Actually, I've found every run so far equally as tough, only that today my tough run was for 20 minutes rather than 1. I'm honestly amazed at how I've managed to adapt and progress and I wouldn't have thought this possible at the start. What I'm most amazed about is that I've actually begun to find myself enjoying it, against all odds- and what I'd like to share with you is what you can do to enjoy it too.

Get into a rhythm

I like to do my runs at 6am, in the morning sunshine on the beach and I've really noticed the difference in the way I feel on run-days! I feel invigorated, wide awake and so productive. I really think that ticking something off your list so early in the day has a massive effect on the way the rest of the day unfolds. 

Research shows that early morning exercise releases both endorphins (the happy hormone) and a chemical called 'neurotrophic factor' which helps with focus and concentration. All good things to start your day with, and probably the reason why many high performing people swear by getting a sweat on first thing in the day.

I run on alternate days, and I really notice on my rest days that I don't feel as clear- almost as if I've forgotten to do something.
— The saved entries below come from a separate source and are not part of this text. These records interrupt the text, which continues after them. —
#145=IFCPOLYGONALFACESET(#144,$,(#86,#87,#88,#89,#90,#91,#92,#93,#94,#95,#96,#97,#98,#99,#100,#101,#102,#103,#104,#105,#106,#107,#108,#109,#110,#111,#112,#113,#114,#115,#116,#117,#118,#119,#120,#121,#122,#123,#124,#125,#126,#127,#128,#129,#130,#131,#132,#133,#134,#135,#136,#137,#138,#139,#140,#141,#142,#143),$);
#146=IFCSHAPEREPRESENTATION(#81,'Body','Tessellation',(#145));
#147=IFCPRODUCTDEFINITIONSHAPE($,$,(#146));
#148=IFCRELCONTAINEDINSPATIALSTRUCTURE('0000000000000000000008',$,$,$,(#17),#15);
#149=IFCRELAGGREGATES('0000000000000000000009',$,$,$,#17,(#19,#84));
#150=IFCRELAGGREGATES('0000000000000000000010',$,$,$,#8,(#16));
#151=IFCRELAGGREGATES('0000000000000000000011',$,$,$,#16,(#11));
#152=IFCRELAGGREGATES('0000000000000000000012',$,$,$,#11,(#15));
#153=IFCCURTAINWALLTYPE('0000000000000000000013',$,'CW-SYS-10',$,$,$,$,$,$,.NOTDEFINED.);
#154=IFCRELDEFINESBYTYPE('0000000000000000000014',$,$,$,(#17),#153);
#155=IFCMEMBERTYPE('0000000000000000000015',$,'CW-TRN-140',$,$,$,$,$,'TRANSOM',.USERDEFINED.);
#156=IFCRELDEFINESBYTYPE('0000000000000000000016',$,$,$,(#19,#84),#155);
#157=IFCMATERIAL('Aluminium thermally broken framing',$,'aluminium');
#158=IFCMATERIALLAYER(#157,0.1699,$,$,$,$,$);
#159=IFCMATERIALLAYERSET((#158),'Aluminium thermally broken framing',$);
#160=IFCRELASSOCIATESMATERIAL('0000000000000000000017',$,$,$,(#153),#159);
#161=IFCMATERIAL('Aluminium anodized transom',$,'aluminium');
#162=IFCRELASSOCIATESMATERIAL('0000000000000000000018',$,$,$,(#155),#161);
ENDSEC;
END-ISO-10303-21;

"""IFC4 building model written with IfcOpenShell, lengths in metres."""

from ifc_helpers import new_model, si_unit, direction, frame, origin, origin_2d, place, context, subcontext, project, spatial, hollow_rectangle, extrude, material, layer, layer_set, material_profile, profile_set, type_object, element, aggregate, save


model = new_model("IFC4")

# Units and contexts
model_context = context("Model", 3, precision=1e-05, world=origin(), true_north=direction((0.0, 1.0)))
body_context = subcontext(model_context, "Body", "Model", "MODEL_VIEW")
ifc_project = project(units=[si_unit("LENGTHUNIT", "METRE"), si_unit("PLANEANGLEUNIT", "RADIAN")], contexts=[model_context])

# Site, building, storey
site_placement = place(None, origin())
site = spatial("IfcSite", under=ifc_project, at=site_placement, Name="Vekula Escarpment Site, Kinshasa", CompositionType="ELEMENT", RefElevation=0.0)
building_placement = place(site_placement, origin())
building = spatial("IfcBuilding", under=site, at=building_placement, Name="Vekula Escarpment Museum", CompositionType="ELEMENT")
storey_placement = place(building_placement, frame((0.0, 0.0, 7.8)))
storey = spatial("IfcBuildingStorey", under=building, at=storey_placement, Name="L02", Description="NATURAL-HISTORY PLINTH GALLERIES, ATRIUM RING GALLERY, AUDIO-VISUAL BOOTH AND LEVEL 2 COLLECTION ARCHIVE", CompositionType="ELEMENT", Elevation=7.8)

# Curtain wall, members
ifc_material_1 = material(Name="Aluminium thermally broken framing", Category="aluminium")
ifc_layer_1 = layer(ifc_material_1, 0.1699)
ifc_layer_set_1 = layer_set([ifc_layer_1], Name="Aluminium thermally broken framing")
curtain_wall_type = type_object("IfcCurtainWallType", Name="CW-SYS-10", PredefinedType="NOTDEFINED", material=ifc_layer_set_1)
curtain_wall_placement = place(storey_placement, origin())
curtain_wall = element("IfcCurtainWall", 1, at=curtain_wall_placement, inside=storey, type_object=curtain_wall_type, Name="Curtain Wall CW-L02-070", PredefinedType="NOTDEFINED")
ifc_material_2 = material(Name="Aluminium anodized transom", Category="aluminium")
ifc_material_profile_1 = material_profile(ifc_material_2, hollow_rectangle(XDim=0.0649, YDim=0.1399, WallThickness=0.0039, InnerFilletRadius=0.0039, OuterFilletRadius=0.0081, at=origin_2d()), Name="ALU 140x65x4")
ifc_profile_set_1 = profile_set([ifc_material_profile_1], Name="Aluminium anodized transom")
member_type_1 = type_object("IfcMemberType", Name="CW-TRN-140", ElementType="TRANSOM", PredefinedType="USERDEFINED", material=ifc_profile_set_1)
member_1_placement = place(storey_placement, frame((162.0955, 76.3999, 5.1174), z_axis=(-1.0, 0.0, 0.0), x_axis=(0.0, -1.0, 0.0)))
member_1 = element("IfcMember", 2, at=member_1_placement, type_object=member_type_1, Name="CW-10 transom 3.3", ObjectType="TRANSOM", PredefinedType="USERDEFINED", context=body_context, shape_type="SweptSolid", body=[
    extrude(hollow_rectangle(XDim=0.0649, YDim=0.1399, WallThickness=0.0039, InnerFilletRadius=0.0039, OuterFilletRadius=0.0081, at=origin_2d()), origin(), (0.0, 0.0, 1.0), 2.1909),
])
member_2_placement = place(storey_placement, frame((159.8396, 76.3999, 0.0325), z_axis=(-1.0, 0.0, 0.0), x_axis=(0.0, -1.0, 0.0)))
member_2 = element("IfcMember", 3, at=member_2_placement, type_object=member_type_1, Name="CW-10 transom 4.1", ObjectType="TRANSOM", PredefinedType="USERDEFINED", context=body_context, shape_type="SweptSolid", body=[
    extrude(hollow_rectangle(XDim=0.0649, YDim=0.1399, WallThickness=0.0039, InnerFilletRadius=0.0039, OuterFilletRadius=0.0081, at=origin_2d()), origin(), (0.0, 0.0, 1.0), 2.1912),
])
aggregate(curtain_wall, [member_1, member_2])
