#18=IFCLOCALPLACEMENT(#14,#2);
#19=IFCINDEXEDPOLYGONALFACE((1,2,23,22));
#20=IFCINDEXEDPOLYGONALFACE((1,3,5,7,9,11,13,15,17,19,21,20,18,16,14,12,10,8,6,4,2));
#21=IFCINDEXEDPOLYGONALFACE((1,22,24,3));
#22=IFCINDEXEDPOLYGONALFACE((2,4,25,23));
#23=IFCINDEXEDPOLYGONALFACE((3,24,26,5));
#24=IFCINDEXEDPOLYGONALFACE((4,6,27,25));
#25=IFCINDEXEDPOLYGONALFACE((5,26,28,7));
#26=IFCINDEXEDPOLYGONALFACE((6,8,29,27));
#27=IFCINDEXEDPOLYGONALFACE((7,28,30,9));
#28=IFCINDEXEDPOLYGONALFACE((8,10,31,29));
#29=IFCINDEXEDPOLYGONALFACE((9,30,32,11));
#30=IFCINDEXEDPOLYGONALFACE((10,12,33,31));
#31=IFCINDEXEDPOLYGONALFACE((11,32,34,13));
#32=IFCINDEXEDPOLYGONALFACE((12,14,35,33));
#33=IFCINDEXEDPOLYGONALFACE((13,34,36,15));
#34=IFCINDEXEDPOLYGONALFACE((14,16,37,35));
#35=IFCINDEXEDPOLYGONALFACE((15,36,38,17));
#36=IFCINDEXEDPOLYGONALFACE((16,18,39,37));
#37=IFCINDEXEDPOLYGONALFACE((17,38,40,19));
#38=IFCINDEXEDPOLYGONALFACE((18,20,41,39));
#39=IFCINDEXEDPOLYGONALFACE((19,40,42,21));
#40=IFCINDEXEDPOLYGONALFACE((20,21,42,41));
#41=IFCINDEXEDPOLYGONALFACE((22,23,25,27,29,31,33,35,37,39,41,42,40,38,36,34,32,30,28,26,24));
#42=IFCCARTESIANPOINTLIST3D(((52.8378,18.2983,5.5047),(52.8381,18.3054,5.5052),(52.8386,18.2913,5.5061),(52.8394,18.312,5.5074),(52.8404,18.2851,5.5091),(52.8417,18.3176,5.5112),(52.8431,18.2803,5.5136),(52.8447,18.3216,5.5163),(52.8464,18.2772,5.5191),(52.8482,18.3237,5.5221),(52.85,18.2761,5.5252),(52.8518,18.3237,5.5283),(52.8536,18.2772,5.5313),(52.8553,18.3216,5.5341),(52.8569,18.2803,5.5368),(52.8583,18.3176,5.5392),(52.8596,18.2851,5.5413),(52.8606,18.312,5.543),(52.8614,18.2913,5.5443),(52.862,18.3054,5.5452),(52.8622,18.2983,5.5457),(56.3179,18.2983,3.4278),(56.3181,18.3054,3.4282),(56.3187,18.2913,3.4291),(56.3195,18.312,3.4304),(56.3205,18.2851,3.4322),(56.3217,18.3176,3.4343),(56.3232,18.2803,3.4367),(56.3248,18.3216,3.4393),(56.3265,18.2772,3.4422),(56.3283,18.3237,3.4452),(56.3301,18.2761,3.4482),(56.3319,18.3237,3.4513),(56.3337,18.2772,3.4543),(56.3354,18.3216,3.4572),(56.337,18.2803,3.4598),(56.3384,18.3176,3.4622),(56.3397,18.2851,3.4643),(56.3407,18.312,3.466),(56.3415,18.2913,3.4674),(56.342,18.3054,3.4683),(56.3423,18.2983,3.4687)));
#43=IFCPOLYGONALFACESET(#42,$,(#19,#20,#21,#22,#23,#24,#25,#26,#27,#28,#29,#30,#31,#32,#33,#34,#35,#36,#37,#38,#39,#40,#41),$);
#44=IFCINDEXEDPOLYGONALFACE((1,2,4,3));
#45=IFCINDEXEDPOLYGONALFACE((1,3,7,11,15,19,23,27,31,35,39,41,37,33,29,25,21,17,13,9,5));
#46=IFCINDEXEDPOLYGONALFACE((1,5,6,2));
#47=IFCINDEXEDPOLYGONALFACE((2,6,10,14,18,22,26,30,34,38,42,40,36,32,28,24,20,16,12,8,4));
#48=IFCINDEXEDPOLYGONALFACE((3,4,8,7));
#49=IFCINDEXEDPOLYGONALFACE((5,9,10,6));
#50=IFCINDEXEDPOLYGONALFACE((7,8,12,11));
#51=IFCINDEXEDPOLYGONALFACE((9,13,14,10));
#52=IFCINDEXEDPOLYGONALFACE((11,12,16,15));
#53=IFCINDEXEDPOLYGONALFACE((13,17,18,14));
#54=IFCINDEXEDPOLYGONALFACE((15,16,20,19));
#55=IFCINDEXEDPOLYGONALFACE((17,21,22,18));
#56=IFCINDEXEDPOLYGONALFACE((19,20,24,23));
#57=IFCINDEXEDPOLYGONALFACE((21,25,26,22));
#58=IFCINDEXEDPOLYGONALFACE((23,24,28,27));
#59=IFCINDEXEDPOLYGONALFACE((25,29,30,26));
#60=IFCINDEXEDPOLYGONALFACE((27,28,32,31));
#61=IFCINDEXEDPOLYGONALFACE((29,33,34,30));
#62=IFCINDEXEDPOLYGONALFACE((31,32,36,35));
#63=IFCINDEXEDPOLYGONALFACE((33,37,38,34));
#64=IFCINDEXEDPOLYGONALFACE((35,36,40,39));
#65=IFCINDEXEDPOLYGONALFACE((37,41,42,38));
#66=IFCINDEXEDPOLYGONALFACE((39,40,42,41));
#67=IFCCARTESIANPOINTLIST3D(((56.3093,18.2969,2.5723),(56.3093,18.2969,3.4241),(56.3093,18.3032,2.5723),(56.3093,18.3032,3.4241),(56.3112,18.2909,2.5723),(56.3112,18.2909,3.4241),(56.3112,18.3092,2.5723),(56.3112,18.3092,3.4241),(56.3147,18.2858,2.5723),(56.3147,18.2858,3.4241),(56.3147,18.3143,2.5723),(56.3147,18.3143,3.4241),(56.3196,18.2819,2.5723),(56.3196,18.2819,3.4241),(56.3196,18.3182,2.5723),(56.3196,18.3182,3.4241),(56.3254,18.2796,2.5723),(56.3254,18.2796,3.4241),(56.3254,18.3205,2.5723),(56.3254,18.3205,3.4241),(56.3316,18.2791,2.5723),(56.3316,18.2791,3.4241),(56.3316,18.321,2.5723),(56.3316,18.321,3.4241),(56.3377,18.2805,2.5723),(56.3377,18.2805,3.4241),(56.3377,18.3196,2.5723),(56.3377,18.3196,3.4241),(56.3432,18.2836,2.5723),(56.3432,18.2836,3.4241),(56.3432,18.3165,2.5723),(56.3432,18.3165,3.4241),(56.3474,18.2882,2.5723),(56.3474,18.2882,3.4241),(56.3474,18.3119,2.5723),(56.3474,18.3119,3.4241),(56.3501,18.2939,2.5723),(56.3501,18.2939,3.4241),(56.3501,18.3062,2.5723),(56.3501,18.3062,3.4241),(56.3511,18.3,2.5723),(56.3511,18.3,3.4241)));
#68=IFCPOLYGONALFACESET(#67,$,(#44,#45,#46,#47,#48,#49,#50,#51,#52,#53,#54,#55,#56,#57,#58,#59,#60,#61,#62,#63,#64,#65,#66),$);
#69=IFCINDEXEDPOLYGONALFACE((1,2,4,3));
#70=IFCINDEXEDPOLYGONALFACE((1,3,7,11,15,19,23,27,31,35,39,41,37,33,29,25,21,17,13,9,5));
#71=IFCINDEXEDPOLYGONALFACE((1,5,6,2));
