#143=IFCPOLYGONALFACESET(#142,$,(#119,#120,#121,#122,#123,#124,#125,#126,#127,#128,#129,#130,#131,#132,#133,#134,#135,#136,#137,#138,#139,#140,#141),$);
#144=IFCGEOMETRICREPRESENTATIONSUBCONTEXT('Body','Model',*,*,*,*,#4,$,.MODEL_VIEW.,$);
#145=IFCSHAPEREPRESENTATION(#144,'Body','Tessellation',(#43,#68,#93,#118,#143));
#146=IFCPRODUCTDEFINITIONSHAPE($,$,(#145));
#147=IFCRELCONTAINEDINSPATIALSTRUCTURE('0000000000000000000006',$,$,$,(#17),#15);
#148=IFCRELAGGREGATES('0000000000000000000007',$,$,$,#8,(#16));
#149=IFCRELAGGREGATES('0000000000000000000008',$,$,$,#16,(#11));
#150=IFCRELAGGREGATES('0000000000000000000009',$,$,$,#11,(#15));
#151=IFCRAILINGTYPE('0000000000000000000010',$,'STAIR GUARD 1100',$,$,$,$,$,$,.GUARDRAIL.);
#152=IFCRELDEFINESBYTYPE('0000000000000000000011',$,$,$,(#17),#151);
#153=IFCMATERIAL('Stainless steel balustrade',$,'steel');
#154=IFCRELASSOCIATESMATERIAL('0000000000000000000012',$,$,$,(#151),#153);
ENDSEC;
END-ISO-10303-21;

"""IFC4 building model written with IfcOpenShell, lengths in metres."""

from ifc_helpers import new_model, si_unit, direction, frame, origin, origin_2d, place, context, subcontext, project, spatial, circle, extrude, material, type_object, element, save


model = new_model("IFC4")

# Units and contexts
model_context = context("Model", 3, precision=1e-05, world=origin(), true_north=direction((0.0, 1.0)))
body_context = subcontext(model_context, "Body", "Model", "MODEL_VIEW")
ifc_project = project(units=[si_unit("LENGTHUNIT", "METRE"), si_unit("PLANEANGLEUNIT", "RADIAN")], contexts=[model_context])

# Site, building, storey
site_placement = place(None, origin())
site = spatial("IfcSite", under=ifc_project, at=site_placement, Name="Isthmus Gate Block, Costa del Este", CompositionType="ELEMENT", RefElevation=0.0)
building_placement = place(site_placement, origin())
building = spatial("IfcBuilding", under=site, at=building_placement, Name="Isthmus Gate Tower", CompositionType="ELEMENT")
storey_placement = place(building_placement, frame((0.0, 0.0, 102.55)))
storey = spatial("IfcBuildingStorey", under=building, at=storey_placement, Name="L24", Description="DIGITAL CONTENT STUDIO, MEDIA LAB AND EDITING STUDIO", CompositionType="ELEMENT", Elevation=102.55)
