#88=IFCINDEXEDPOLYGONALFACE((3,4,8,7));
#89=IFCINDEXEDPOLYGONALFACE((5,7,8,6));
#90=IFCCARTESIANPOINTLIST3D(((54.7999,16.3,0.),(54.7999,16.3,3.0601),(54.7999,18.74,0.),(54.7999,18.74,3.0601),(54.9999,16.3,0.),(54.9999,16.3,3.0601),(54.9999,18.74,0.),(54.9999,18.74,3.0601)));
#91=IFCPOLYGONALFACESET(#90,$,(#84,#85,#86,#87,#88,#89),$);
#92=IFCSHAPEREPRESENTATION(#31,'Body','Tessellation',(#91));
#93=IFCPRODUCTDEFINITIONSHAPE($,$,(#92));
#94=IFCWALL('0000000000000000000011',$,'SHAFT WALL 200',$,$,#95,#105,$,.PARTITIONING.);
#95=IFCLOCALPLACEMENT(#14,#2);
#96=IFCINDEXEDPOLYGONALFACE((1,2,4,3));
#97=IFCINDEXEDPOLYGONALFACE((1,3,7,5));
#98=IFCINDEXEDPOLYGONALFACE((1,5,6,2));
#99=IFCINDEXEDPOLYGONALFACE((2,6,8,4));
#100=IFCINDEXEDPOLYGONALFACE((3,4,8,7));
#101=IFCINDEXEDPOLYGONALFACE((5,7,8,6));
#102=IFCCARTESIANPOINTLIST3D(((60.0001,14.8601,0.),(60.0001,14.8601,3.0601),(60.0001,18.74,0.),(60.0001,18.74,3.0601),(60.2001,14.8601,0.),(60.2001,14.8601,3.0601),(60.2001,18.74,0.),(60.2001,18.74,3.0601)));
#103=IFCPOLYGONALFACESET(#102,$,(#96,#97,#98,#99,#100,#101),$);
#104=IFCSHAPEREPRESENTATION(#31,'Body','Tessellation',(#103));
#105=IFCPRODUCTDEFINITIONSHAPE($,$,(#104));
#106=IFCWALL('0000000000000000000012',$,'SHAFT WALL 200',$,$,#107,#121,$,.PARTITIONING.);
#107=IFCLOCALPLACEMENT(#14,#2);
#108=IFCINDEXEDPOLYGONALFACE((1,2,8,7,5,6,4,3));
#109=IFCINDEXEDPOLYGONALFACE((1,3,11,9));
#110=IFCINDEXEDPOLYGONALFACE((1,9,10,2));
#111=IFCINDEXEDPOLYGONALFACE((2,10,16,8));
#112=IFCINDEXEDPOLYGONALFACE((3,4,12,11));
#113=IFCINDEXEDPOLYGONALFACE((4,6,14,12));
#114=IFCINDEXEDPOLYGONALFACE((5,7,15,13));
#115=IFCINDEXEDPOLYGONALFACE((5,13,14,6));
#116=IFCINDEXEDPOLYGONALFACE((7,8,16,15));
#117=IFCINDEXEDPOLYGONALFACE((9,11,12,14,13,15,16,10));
On rest days I also waste much more time in the morning - I take longer getting ready and faff around with all kinds of things before I get to work. On run days, I'm usually showered and ready to go by 7.30am.

Run somewhere beautiful

I'm also very lucky to live on the beach, and I really find the fresh sea air and view of the sun rising on the horizon to be calming and helps me to focus on the things that I'm grateful for, first thing in the morning. There are loads of points along my route that I enjoy; the boats in the harbour, the way the morning sunshine sparkles on the sea, the spots where the birds nest in the trees and fly around when I go past. Having something to look forward to in your route really helps, as does running in a loop rather than an outwards and back. There's more to see and is much more interesting!

Celebrate your wins

As you progress with your running- tell people! Speak excitedly and passionately about what you're doing and how much you're achieving. Speaking positively about your running and sharing with friends is important for two reasons. Firstly, the human brain loves a story. You'll be rewarded with a dopamine hit which will neurologically strengthen the link between running and pleasure. 

Secondly, by sharing your successes, you're encouraging other people do share theirs, or to join you with yours! Not only are you going to be feeling so much better for taking on this challenge, but your friends and co-workers could be too. Before you know it, you'll have inadvertently created a group of people who are also pushing themselves to be the best they can be. 

 

So go on, give it a go! What's stopping you?